SVC(C=1.0, cache_size=200, class_weight=None, coef0=0.0,
 decision_function_shape='ovr', degree=3, gamma='auto', kernel='rbf',
 max_iter=-1, probability=False, random_state=None, shrinking=True,
 tol=0.001, verbose=False)

#### Evaluation

In [6]:
from sklearn import metrics
import numpy as np;

# import test data
filenames_pos_test = list_textfiles("mix20_rand700_tokens/tokens/pos")
filenames_neg_test = list_textfiles("mix20_rand700_tokens/tokens/neg")

# create two lists to store reivew text and polarity
data_test = []
data_labels_test = []

for f in filenames_pos:
 data_test.append(read_txt(f))
 data_labels_test.append('pos')

for f in filenames_neg:
 data_test.append(read_txt(f))
 data_labels_test.append('neg')

# vectorize
features_test = vectorizer.fit_transform(data_test)

#features_nd_test = features_test.toarray() # for easy usage



In [8]:
predicted = clf.predict(features_test)

# print the accuracy score
from sklearn.metrics import accuracy_score
from sklearn.metrics import classification_report
print("Accuracy score of SVM model:\n"+ str(accuracy_score(data_labels_test,predicted)))
# print evaluation report showing precision, recall, f1, support
print(classification_report(data_labels_test, predicted))


Accuracy score of SVM model:
0.500721500722
 precision recall f1-score support

 neg 0.00 0.00 0.00 692
 pos 0.50 1.00 0.67 694

avg / total 0.25 0.50 0.33 1386



 'precision', 'predicted', average, warn_for)


#### Naive Bayes

In [9]:
from sklearn.naive_bayes import MultinomialNB

mnb = MultinomialNB()
mnb.fit(features_train, data_labels_train)

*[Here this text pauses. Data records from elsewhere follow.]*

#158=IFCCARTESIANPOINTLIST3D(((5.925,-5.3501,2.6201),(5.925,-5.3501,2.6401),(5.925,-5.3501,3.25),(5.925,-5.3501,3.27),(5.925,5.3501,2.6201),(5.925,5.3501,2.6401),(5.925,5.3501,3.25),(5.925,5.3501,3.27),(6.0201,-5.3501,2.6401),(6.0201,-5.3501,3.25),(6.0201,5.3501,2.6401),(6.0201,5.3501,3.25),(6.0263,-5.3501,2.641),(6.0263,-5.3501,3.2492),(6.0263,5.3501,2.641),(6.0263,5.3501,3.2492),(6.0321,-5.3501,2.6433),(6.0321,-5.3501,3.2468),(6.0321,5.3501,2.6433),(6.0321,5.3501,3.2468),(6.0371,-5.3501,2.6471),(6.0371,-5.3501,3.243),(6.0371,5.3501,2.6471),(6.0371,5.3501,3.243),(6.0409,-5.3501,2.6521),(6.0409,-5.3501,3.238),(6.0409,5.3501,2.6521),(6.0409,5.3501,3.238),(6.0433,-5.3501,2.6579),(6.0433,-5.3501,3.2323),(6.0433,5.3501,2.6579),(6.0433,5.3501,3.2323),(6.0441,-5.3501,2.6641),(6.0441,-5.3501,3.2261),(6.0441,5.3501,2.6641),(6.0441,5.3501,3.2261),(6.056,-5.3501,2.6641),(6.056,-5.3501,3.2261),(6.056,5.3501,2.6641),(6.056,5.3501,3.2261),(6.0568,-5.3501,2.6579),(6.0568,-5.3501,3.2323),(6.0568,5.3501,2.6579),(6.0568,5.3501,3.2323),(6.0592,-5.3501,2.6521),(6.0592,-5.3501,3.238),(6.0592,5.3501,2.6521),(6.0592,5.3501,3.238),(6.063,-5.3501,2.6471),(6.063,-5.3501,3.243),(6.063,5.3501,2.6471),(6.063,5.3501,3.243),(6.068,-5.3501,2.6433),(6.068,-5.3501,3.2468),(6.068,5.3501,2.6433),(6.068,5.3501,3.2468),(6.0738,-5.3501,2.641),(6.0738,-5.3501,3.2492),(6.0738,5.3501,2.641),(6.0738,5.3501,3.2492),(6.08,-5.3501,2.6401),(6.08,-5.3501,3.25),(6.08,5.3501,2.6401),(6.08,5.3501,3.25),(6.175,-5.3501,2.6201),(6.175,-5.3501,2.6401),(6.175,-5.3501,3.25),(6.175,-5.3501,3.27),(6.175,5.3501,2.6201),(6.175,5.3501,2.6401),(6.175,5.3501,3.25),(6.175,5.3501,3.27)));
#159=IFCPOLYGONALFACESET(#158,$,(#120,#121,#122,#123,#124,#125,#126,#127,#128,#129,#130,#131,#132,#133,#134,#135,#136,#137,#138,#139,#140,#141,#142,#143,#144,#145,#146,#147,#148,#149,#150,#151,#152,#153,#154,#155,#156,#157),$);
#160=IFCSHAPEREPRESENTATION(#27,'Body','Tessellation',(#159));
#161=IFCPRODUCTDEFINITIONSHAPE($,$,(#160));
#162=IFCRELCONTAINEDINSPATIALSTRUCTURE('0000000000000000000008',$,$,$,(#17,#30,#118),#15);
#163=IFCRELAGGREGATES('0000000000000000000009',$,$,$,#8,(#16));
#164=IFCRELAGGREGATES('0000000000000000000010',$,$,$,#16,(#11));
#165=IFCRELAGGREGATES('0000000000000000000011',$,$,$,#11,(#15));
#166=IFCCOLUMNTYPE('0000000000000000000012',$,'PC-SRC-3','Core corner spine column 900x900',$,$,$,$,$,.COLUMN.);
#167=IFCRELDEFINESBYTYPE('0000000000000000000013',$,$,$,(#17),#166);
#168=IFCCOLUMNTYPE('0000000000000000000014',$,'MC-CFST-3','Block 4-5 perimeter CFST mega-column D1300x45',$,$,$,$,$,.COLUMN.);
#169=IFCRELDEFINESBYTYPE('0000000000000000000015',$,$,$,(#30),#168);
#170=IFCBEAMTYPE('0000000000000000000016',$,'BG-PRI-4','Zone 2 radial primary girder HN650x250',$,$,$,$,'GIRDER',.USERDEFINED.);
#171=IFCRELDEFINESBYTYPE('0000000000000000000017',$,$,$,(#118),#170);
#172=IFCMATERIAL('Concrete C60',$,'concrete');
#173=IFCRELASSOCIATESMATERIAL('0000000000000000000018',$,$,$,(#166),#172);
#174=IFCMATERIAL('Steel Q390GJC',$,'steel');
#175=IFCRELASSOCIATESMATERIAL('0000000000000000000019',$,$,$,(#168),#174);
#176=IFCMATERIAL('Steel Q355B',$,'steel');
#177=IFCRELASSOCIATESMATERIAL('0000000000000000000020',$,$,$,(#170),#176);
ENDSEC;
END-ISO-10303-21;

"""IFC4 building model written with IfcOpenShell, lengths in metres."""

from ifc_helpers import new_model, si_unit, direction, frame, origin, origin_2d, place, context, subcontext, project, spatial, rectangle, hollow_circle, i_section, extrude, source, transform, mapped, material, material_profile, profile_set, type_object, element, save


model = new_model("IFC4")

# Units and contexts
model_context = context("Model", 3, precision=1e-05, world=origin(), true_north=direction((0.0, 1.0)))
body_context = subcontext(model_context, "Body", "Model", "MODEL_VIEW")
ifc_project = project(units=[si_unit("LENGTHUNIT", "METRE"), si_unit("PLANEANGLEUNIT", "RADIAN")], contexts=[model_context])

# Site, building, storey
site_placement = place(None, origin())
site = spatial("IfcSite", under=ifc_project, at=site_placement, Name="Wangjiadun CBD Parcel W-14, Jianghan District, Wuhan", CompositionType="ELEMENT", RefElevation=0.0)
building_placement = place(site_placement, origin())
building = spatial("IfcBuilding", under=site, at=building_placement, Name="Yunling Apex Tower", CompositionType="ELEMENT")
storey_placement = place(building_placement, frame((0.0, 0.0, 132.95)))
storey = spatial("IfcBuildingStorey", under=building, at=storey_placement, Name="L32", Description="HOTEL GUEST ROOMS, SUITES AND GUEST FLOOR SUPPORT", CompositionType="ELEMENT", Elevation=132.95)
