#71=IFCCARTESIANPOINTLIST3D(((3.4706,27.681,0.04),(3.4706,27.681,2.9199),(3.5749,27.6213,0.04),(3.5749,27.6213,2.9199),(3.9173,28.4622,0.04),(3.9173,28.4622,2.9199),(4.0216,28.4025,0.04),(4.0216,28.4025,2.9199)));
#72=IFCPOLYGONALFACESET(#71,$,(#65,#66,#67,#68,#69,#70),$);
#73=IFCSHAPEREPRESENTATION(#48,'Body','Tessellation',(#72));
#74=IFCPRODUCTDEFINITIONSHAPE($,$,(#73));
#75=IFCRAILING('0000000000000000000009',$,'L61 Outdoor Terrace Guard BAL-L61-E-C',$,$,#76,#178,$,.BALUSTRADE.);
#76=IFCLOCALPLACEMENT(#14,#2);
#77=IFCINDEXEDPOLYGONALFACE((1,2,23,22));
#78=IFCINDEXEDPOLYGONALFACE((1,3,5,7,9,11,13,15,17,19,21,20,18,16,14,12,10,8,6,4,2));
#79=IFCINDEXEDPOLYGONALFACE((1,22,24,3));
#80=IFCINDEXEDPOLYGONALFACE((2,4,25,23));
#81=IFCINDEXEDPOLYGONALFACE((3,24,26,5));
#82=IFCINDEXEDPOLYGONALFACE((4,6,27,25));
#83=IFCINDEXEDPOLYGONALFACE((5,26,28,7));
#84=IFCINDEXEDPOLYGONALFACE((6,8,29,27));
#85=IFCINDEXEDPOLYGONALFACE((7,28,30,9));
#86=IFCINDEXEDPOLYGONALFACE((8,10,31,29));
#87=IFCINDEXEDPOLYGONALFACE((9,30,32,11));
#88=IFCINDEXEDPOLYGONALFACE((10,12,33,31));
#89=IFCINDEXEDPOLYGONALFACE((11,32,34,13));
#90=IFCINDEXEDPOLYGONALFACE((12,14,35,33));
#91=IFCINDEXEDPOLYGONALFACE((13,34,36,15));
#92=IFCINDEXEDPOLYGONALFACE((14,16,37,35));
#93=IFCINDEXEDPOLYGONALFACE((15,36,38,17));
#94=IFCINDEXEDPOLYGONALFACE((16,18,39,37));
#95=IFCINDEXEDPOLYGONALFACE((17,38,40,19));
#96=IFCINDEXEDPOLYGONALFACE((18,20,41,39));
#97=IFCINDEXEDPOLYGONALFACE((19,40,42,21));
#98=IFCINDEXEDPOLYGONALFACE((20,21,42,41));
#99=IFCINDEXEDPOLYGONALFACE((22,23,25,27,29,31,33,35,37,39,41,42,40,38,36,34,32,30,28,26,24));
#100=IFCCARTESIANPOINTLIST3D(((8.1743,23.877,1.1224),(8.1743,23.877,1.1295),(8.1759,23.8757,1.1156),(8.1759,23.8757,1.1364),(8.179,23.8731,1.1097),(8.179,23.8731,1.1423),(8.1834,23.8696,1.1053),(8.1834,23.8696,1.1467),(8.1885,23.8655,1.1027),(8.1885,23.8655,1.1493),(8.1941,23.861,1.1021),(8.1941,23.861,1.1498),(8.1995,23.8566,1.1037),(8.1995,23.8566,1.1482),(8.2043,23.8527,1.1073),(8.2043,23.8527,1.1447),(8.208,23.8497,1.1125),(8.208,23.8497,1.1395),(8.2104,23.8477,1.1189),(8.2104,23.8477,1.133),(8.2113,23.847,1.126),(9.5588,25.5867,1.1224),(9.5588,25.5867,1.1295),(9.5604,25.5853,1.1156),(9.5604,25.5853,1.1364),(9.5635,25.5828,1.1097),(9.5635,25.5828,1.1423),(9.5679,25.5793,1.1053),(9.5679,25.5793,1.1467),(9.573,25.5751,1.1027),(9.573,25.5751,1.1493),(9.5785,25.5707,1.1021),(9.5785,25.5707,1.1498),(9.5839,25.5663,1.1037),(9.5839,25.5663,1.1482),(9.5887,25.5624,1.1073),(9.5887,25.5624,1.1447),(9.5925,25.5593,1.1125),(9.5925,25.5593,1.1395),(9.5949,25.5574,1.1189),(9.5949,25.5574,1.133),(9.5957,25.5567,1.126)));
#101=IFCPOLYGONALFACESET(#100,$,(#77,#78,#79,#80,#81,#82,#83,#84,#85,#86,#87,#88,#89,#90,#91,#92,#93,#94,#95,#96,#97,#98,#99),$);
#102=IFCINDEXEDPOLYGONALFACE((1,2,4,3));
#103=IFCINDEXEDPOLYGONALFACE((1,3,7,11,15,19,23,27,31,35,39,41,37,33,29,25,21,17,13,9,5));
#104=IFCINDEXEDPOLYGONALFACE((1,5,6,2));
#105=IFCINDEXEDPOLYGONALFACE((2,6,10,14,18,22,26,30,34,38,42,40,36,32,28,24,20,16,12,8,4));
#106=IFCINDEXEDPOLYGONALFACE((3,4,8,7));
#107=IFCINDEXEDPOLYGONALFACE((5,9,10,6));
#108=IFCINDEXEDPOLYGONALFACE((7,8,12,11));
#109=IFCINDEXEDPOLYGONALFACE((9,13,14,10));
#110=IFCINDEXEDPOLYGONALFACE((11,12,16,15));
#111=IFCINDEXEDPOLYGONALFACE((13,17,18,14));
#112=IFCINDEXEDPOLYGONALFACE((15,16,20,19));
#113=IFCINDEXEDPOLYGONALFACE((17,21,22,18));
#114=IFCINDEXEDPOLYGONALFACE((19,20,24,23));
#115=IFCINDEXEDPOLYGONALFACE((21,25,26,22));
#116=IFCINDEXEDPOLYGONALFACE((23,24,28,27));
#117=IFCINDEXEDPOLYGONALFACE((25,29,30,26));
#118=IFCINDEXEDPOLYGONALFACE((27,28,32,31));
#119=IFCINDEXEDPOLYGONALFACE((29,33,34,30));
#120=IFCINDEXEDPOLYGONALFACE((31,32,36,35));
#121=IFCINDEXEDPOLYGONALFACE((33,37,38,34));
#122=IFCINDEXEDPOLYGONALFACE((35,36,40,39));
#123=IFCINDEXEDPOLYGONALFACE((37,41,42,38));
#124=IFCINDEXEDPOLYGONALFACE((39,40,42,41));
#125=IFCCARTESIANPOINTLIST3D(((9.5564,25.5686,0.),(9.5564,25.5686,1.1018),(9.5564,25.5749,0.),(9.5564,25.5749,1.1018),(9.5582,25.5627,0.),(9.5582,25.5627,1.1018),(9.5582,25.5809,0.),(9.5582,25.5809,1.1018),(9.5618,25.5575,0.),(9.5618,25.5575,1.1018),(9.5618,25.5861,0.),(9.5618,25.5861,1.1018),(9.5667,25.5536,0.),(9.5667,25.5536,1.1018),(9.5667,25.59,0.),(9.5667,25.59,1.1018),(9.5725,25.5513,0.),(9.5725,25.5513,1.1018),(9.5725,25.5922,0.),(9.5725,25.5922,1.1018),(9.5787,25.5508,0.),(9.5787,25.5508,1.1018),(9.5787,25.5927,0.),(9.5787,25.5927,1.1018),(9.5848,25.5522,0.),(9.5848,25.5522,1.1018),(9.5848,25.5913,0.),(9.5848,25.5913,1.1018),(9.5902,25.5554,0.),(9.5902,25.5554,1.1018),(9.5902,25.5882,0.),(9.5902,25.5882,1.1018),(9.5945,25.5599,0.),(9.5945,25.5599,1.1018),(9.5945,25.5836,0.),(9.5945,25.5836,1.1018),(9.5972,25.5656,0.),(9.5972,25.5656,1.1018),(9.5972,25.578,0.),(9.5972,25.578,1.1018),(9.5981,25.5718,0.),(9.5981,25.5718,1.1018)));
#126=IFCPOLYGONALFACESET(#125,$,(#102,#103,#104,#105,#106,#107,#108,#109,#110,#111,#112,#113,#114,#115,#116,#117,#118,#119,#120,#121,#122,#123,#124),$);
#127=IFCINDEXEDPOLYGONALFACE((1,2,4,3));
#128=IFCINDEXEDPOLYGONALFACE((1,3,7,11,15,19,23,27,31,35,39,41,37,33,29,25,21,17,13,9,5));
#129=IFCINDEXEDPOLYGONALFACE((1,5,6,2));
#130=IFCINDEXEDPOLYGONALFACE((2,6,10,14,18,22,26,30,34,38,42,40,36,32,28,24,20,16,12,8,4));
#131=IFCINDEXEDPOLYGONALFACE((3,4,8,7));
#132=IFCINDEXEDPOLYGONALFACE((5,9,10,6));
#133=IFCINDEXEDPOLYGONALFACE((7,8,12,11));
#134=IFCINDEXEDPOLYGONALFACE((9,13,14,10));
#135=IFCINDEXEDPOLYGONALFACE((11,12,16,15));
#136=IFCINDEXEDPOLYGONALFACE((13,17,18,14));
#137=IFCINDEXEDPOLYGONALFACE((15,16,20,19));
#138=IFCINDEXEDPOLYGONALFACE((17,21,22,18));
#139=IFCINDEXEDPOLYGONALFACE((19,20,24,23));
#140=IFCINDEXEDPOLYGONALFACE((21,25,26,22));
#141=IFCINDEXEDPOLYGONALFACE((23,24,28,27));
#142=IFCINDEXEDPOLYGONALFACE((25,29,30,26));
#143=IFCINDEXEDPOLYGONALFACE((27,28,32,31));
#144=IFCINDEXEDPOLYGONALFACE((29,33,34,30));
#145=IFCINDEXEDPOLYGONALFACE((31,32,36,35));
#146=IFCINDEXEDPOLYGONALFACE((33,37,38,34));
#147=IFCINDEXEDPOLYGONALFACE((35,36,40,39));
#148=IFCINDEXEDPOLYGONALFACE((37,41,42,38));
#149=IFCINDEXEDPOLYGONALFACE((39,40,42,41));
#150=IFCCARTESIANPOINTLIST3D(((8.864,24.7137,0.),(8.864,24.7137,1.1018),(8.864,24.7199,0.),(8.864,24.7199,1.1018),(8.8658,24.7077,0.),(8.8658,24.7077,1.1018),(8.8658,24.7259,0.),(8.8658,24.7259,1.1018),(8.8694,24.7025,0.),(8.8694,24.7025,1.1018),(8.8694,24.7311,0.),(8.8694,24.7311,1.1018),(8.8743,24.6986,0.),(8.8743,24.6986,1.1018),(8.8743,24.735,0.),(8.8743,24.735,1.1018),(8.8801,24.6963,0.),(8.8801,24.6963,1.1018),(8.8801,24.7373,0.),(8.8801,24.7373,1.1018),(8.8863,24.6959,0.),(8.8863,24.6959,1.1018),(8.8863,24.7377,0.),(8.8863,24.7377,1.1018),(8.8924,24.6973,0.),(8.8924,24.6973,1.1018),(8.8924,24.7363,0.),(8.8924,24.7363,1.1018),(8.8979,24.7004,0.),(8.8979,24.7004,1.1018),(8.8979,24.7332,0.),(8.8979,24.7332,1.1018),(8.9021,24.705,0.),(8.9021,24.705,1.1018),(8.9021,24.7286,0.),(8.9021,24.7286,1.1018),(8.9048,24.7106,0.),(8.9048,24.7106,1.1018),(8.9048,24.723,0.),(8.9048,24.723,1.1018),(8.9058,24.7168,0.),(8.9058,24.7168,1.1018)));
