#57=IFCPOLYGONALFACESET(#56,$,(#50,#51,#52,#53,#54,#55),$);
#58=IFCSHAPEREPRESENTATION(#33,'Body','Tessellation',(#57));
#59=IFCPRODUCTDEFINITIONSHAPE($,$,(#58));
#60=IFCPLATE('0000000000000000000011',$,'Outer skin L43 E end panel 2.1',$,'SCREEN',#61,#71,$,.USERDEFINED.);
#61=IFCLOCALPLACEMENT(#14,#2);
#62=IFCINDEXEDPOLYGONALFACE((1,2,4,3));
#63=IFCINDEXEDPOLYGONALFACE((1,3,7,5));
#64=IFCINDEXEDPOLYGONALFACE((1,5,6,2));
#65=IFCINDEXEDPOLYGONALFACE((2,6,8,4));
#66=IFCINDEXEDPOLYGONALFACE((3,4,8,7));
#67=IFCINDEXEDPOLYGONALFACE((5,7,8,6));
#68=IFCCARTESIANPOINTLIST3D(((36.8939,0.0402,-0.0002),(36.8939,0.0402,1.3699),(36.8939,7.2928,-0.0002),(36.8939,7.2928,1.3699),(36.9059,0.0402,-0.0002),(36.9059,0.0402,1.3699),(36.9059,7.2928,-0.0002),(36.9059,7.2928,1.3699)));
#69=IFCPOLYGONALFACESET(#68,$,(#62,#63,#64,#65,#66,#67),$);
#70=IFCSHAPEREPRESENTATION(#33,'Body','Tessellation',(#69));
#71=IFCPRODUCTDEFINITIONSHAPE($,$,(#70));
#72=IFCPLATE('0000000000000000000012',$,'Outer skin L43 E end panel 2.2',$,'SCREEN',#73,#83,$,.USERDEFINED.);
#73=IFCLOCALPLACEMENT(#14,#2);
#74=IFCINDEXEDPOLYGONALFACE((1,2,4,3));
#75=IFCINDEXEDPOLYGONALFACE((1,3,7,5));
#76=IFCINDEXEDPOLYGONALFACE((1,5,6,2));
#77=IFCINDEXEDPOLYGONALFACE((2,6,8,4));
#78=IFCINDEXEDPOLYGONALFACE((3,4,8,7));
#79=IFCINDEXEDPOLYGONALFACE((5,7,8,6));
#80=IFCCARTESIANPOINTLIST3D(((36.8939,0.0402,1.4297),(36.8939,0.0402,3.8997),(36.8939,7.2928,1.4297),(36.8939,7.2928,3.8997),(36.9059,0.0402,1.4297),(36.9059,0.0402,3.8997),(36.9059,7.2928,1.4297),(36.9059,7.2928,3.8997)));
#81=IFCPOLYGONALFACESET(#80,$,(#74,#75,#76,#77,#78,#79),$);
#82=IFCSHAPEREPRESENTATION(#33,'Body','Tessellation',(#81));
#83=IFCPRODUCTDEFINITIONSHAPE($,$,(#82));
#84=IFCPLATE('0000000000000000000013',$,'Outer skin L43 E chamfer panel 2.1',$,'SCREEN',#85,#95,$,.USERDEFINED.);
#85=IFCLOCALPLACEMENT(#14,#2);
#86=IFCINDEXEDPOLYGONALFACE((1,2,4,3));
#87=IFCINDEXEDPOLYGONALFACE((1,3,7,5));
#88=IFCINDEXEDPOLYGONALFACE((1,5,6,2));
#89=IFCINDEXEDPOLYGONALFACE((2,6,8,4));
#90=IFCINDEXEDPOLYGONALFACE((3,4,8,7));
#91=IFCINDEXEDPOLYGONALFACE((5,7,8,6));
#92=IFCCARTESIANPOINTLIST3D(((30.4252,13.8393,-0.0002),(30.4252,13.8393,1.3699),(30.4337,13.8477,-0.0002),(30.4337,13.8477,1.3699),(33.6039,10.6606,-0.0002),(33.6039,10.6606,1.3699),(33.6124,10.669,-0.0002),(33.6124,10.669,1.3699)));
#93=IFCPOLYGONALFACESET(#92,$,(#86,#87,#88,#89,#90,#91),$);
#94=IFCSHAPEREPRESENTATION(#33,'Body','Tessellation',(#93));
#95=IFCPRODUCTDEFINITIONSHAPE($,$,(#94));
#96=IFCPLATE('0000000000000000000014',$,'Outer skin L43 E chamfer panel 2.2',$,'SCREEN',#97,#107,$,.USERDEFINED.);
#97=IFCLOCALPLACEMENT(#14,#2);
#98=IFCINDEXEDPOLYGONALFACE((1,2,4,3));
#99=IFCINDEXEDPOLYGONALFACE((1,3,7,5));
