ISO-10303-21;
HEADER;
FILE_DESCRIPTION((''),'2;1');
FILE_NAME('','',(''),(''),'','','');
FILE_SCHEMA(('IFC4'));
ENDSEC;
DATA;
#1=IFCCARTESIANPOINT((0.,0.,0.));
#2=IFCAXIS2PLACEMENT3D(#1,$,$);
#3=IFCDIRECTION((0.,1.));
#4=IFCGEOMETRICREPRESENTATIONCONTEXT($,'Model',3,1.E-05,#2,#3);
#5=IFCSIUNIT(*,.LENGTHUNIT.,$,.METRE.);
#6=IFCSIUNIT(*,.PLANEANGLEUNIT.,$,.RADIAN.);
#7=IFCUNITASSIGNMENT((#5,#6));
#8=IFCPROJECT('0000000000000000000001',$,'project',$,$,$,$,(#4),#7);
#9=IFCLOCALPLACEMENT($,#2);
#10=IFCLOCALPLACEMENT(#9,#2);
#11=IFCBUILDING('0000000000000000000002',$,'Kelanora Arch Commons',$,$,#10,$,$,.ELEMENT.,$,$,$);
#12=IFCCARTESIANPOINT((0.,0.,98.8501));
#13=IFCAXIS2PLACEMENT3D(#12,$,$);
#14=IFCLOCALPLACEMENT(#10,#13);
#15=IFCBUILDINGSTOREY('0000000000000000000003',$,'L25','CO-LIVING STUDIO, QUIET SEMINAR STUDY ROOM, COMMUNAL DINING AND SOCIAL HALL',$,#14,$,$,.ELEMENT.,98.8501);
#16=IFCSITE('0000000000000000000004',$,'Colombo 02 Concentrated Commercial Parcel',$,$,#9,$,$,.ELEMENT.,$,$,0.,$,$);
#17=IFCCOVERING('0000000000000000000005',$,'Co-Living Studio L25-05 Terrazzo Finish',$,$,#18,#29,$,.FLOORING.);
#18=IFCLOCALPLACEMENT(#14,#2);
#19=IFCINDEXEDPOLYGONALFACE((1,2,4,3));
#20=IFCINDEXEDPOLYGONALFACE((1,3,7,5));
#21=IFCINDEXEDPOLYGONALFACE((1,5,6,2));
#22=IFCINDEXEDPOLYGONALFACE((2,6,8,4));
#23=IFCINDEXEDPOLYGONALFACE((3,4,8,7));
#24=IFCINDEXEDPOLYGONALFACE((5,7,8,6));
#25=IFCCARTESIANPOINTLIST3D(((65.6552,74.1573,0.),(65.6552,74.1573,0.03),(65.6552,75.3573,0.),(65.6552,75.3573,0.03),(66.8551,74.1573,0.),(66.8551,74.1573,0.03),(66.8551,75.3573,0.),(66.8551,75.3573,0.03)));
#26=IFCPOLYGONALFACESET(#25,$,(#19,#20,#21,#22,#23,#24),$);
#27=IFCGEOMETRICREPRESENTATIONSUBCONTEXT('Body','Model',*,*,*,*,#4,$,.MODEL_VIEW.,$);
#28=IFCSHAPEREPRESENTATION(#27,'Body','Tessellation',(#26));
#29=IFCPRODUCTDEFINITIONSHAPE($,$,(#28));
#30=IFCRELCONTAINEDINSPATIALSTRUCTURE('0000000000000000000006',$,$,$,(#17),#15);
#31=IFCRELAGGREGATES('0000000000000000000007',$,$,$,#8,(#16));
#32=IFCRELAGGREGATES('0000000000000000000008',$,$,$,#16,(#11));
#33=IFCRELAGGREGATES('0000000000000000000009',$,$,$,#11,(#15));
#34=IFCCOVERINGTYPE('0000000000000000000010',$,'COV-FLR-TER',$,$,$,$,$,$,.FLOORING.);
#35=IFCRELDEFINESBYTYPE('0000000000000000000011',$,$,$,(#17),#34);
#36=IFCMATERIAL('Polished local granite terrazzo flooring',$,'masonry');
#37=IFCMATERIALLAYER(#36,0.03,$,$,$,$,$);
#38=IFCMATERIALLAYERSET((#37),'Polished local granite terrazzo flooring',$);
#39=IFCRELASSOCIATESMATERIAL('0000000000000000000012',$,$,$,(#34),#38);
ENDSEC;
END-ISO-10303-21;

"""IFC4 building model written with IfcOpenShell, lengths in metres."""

from ifc_helpers import new_model, si_unit, direction, frame, origin, origin_2d, place, context, subcontext, project, spatial, rectangle, extrude, source, transform, mapped, material, layer, layer_set, type_object, element, save


model = new_model("IFC4")

# Units and contexts
model_context = context("Model", 3, precision=1e-05, world=origin(), true_north=direction((0.0, 1.0)))
body_context = subcontext(model_context, "Body", "Model", "MODEL_VIEW")
ifc_project = project(units=[si_unit("LENGTHUNIT", "METRE"), si_unit("PLANEANGLEUNIT", "RADIAN")], contexts=[model_context])

# Site, building, storey
site_placement = place(None, origin())
site = spatial("IfcSite", under=ifc_project, at=site_placement, Name="Colombo 02 Concentrated Commercial Parcel", CompositionType="ELEMENT", RefElevation=0.0)
building_placement = place(site_placement, origin())
building = spatial("IfcBuilding", under=site, at=building_placement, Name="Kelanora Arch Commons", CompositionType="ELEMENT")
storey_placement = place(building_placement, frame((0.0, 0.0, 98.8501)))
storey = spatial("IfcBuildingStorey", under=building, at=storey_placement, Name="L25", Description="CO-LIVING STUDIO, QUIET SEMINAR STUDY ROOM, COMMUNAL DINING AND SOCIAL HALL", CompositionType="ELEMENT", Elevation=98.8501)

# Covering
ifc_material_1 = material(Name="Polished local granite terrazzo flooring", Category="masonry")
ifc_layer_1 = layer(ifc_material_1, 0.03)
ifc_layer_set_1 = layer_set([ifc_layer_1], Name="Polished local granite terrazzo flooring")
covering_type = type_object("IfcCoveringType", Name="COV-FLR-TER", PredefinedType="FLOORING", material=ifc_layer_set_1)
shared_shape_1 = source(origin(), body_context, "Body", "SweptSolid", [
    extrude(rectangle(XDim=1.2, YDim=1.2, at=origin_2d()), origin(), (0.0, 0.0, 1.0), 0.03),
])
for number, where, z_axis, x_axis, name in (
    (1, (66.2551, 74.7573, 0.0), (0.0, 0.0, 1.0), (1.0, 0.0, 0.0), "Co-Living Studio L25-05 Terrazzo Finish"),
):
    element("IfcCovering", number, at=place(storey_placement, frame(where, z_axis=z_axis, x_axis=x_axis)), inside=storey, type_object=covering_type, Name=name, PredefinedType="FLOORING", context=body_context, shape_type="MappedRepresentation", body=[
        mapped(shared_shape_1, transform((0.0, 0.0, 0.0), scale=1.0)),
    ])

save(model, "model.ifc")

MultinomialNB(alpha=1.0, class_prior=None, fit_prior=True)

#### Evaluation

In [10]:
from sklearn.metrics import classification_report
mnb_predict = mnb.predict(features_test)
print("Accuracy score of Naive Bayes model:\n"+ str(accuracy_score(data_labels_test,mnb_predict)))



print(classification_report(data_labels_test, mnb_predict))

Accuracy score of Naive Bayes model:
0.968253968254
 precision recall f1-score support

 neg 0.96 0.97 0.97 692
 pos 0.97 0.96 0.97 694

avg / total 0.97 0.97 0.97 1386



### Dumping model

joblib.dump(value, filename, compress=0, protocol=None, cache_size=None)

In [14]:
from sklearn.externals import joblib
joblib.dump(mnb,'sentNB.model')

['sentNB.model']

### Question:

Why Naive Bayes performed much better than SVM in this prediction?